Londres

Recuerdo bajar del avión nervioso. Siempre lo estoy al llegar a algún lugar desconocido. Mi cabeza se llena de mil preocupaciones y parece desconectar de la realidad. Recuerdo aquella cola para comprar el ticket del metro, que era en realidad una tarjeta. ¡Que modernos son estos ingleses!, pensé. Desde que nos ganaron la batalla de Trafalgar, hay demasiado complejo de inferioridad con ellos. Recuerdo sonreír. Y sonreírle. Ahí todavía quedaba una especie de residuo de la ilusión que debería acompañar a los viajes. 

Todavía la miraba con los ojos de un niño antes de irse a dormir la noche antes de Reyes. Todavía creía en un nosotros posible. 

Y sin embargo recuerdo un Londres triste. Apagado. Pese a ser pleno verano, pese a que el sol inglés se parecía mucho al valenciano. Pese a las mangas cortas y los infinitos turistas que llenaban de color las calles. Era un Londres que no sabía a nada. Fugaz.

En un instante abríamos la puerta de ese pequeño loft en Shoreditch y al siguiente hacíamos tiempo en una pequeña taberna en pleno Picadilly. Llovía. O así he guardado esos momentos en mi memoria. 

Fue un fin de semana gris. Donde las lágrimas ya ganaban a las carcajadas. Donde el choque de dos trenes que nunca estuvieron cerca de cruzarse en el camino, incendiaba a su paso lo poco que habíamos construido. 

Recuerdo mirar a través de la pequeña ventana de la cocina de nuestro piso alquilado y ver a las personas caminar. Una pareja paseaba de la mano, él parecía deshacerse con los gestos simpáticos de ella. ¿Tan complicado era tener algo así?, me pregunté. 

Luego vinieron Camden y esa misma charla, esas mismas palabras que llevaban a ninguna parte. Ese querer ser un salmón emocional y pretender remontar el río a contracorriente. Vino el tren de vuelta, su mirada perdida a través del cristal, como recordando tiempos mejores. Nunca llegué a entenderla de verdad. 

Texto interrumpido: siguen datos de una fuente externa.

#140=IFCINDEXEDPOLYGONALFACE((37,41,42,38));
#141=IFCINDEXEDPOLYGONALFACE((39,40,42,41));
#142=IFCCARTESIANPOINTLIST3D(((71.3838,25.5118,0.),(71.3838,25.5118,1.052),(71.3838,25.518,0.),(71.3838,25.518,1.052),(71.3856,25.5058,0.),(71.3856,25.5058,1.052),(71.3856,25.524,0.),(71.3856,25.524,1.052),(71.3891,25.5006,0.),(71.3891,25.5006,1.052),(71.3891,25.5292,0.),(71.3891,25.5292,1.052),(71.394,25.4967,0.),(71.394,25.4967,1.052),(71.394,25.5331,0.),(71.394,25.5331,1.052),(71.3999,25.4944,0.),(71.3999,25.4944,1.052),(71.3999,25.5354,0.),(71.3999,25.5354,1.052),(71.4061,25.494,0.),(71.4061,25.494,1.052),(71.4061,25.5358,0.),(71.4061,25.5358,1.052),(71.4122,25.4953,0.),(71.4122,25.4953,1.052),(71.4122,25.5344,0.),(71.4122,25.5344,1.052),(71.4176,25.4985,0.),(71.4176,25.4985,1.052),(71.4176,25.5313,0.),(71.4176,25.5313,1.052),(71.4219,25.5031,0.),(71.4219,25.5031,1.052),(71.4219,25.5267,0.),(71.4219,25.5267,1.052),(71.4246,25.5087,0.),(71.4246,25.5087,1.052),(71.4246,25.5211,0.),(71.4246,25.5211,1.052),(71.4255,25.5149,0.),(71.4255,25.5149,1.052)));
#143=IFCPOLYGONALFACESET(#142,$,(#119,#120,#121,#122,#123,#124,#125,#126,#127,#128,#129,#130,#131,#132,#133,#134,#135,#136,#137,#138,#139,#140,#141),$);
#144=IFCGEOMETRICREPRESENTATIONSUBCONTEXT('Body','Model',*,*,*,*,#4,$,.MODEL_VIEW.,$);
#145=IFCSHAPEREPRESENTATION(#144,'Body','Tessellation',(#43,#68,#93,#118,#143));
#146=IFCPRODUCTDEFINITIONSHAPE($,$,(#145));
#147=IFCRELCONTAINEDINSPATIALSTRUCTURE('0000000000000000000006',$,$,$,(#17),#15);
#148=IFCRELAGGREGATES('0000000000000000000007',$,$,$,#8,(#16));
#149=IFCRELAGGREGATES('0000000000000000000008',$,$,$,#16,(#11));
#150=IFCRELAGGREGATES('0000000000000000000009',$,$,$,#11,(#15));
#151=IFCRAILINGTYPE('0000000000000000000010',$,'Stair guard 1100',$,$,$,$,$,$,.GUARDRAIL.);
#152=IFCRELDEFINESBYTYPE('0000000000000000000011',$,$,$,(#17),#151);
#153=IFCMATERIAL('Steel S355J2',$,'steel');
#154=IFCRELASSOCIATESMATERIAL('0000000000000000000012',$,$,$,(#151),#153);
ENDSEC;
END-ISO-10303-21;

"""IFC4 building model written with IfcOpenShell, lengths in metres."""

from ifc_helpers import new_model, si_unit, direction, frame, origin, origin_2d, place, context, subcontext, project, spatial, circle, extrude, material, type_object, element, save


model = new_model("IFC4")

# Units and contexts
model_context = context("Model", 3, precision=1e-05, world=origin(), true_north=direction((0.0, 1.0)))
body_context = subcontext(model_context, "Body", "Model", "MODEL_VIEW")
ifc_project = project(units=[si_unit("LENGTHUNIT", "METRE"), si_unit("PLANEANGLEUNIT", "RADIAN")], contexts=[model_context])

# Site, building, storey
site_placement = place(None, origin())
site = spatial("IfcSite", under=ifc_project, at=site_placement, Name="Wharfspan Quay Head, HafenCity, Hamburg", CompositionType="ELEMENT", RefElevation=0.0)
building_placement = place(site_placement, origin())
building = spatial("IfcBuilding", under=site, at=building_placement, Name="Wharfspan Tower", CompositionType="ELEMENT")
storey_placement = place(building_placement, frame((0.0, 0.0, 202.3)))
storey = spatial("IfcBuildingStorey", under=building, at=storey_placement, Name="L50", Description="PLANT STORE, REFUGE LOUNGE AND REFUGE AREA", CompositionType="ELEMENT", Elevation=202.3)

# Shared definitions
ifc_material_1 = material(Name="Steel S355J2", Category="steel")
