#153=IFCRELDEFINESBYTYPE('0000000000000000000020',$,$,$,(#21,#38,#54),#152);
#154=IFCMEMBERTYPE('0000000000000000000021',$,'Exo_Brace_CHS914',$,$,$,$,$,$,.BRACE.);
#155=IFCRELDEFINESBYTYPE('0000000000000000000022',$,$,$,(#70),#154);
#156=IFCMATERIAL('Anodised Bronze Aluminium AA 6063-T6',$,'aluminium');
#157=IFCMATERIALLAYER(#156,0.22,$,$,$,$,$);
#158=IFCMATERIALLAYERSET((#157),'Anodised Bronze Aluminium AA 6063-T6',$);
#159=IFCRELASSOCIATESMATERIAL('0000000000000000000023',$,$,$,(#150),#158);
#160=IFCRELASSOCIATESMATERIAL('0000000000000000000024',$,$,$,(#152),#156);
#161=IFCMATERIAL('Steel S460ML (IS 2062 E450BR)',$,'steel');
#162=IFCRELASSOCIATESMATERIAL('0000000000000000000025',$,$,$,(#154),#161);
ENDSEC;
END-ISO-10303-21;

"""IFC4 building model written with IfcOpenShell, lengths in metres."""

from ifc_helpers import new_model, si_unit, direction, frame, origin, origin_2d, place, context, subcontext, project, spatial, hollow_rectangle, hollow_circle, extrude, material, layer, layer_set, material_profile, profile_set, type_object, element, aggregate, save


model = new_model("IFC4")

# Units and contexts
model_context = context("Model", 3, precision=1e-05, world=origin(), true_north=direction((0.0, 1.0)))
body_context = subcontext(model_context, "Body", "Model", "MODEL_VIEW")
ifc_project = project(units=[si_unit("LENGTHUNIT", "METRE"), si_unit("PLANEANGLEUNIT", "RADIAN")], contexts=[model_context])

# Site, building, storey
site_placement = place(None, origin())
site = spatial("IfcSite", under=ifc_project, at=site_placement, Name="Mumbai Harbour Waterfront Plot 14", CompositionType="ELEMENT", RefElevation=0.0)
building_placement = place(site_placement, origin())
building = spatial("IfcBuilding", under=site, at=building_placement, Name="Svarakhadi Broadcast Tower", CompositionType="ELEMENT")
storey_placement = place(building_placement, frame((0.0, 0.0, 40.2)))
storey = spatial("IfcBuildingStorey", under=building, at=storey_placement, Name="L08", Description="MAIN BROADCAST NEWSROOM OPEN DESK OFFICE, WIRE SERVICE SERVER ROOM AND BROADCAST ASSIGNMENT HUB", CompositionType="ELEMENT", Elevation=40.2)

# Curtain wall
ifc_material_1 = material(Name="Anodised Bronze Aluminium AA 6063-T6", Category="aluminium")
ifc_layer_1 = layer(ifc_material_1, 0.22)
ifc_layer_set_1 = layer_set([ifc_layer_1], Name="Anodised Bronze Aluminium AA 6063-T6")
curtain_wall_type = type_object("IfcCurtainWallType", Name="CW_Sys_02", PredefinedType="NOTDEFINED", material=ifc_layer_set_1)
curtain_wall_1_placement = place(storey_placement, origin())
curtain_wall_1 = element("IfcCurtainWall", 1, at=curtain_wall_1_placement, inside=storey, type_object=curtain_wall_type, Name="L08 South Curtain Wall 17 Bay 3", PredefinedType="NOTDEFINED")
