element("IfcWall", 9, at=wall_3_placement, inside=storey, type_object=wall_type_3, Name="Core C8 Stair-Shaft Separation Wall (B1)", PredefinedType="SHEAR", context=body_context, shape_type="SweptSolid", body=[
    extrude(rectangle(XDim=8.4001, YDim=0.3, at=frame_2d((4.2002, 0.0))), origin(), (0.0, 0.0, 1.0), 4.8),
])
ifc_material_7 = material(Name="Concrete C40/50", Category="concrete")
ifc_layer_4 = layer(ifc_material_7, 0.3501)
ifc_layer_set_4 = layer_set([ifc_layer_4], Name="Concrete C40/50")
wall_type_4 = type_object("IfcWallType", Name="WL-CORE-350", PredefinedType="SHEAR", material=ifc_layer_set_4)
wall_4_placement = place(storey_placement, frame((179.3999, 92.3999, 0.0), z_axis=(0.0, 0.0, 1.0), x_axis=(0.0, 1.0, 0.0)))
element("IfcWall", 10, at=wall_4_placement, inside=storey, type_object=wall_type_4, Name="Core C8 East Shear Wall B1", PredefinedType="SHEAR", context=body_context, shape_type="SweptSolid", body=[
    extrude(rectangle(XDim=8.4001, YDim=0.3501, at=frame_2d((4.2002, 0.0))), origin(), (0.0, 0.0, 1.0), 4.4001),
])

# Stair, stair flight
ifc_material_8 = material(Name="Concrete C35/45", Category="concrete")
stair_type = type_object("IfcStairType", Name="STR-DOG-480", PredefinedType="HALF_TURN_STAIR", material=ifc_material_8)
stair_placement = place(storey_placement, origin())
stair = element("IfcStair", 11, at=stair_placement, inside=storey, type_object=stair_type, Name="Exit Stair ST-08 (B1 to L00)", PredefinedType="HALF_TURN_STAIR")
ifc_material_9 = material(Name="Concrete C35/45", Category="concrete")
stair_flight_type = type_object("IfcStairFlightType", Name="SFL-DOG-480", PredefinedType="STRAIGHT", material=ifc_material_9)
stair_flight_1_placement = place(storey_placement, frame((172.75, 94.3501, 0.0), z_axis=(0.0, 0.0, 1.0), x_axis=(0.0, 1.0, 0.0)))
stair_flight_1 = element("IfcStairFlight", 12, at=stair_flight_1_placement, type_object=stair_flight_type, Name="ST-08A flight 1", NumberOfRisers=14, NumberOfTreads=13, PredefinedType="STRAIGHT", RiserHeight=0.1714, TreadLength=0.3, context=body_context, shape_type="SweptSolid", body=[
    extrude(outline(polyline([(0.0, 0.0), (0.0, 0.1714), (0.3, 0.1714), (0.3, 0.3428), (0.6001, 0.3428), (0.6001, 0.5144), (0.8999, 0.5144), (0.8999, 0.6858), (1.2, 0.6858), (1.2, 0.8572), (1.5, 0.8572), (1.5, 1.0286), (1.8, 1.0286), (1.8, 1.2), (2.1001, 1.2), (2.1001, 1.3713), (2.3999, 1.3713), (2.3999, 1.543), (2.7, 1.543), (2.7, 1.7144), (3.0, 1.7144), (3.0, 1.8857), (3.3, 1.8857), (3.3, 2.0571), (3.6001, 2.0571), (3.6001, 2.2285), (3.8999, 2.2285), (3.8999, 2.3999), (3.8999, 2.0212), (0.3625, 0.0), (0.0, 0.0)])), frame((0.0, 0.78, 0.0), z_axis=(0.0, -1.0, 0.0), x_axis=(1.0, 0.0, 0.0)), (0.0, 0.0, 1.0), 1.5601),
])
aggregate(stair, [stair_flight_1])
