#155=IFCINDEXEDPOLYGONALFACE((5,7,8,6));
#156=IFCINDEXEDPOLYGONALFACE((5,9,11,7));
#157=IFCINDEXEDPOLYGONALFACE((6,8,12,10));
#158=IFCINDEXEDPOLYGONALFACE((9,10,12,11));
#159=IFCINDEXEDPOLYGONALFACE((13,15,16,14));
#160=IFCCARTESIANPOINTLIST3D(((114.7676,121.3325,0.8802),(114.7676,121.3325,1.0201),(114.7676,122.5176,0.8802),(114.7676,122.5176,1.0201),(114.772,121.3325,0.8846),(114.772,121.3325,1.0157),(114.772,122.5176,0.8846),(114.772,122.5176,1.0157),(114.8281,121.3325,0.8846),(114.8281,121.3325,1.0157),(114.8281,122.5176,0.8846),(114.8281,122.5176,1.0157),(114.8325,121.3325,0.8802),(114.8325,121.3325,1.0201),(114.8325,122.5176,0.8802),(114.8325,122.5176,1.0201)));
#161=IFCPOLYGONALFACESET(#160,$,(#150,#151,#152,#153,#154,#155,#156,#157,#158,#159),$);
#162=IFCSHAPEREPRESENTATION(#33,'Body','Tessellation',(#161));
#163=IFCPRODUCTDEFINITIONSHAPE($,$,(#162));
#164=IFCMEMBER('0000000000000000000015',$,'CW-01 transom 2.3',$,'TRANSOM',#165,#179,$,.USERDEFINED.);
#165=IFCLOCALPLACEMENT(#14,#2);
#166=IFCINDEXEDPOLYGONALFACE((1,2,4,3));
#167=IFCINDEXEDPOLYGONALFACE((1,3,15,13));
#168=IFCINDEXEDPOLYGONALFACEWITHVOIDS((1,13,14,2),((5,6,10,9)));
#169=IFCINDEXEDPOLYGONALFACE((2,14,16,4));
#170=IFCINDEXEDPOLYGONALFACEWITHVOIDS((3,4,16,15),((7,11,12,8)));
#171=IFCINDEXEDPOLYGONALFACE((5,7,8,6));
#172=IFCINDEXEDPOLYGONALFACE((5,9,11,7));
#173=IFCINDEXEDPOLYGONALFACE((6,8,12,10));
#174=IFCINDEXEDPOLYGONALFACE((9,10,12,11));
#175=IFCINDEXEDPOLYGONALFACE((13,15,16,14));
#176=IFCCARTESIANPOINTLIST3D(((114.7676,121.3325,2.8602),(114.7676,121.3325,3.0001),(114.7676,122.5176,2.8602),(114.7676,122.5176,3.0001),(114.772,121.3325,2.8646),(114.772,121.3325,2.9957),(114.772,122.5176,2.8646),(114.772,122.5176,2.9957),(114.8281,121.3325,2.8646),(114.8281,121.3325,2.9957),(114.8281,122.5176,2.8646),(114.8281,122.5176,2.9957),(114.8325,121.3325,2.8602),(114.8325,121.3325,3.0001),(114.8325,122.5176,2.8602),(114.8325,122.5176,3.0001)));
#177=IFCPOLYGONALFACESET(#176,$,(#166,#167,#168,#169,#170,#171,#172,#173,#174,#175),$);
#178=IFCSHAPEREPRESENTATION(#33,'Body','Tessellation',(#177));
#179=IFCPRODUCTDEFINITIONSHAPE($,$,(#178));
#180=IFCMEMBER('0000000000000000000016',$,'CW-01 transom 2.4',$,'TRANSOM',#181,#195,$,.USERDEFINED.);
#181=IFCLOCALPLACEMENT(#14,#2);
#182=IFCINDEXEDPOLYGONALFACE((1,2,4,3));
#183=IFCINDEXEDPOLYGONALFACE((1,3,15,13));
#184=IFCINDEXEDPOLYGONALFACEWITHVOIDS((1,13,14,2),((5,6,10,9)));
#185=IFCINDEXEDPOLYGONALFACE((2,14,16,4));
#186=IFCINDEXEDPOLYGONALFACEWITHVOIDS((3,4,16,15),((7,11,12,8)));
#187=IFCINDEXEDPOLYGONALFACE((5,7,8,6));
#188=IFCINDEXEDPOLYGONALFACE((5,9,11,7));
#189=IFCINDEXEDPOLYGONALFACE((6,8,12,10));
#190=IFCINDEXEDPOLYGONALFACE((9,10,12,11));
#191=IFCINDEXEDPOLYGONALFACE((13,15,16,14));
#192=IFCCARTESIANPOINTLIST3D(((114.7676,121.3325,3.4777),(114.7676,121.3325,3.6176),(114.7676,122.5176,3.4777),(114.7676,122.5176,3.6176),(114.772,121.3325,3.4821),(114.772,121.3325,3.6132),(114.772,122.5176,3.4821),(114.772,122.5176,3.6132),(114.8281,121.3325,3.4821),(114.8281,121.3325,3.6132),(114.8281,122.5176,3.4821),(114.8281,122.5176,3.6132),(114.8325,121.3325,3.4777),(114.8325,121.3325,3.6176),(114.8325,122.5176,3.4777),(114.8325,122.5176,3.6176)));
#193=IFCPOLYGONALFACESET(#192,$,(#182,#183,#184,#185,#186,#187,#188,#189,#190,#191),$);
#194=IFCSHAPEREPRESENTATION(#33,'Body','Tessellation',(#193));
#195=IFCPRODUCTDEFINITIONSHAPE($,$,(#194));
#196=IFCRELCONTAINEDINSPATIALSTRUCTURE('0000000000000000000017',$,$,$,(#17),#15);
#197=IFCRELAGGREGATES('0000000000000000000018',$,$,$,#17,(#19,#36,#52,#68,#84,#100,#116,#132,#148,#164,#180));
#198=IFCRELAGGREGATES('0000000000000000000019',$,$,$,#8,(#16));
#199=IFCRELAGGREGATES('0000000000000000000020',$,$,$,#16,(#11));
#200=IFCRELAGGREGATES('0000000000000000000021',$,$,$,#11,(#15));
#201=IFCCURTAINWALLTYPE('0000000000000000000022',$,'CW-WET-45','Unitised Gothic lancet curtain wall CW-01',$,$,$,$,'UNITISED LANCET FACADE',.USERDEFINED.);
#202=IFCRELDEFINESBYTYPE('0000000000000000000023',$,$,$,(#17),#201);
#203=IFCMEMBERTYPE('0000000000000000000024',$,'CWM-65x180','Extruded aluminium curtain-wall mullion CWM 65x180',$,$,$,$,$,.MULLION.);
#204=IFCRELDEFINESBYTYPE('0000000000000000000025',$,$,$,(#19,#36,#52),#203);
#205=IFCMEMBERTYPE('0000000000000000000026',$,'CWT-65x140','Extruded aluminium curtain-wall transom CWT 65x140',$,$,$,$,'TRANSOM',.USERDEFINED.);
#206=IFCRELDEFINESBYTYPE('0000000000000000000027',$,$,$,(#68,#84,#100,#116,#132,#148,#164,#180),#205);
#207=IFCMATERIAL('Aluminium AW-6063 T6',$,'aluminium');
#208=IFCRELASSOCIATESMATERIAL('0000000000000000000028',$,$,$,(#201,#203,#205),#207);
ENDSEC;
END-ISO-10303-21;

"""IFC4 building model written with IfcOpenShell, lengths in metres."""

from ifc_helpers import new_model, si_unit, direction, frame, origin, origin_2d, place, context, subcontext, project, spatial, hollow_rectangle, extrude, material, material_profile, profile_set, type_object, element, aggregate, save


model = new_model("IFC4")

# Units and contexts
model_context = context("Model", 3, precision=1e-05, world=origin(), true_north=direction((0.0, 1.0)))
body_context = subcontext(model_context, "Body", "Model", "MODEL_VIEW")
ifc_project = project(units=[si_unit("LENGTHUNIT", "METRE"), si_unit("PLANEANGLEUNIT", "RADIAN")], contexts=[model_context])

Pero, sobretodo, recuerdo mi último instante en suelo inglés. Allí, parados, esperando en la cola para subir de nuevo al avión que nos alejaría del Londres gris que parecía habernos roto para siempre. Allí, en medio de mi propia guerra interna, estuve a punto de echarme a llorar como un niño. 

Como cuando Passenger dice en Survivors eso de «Are there any survivors? Am I here alone? Am I on my own?», jamás me sentí tan solo como en aquella pista de aterrizaje de Londres.

En Londres aprendí que la peor de las soledades no es, necesariamente, aquella en la que no tienes a nadie a tu lado con quien compartir tus momentos.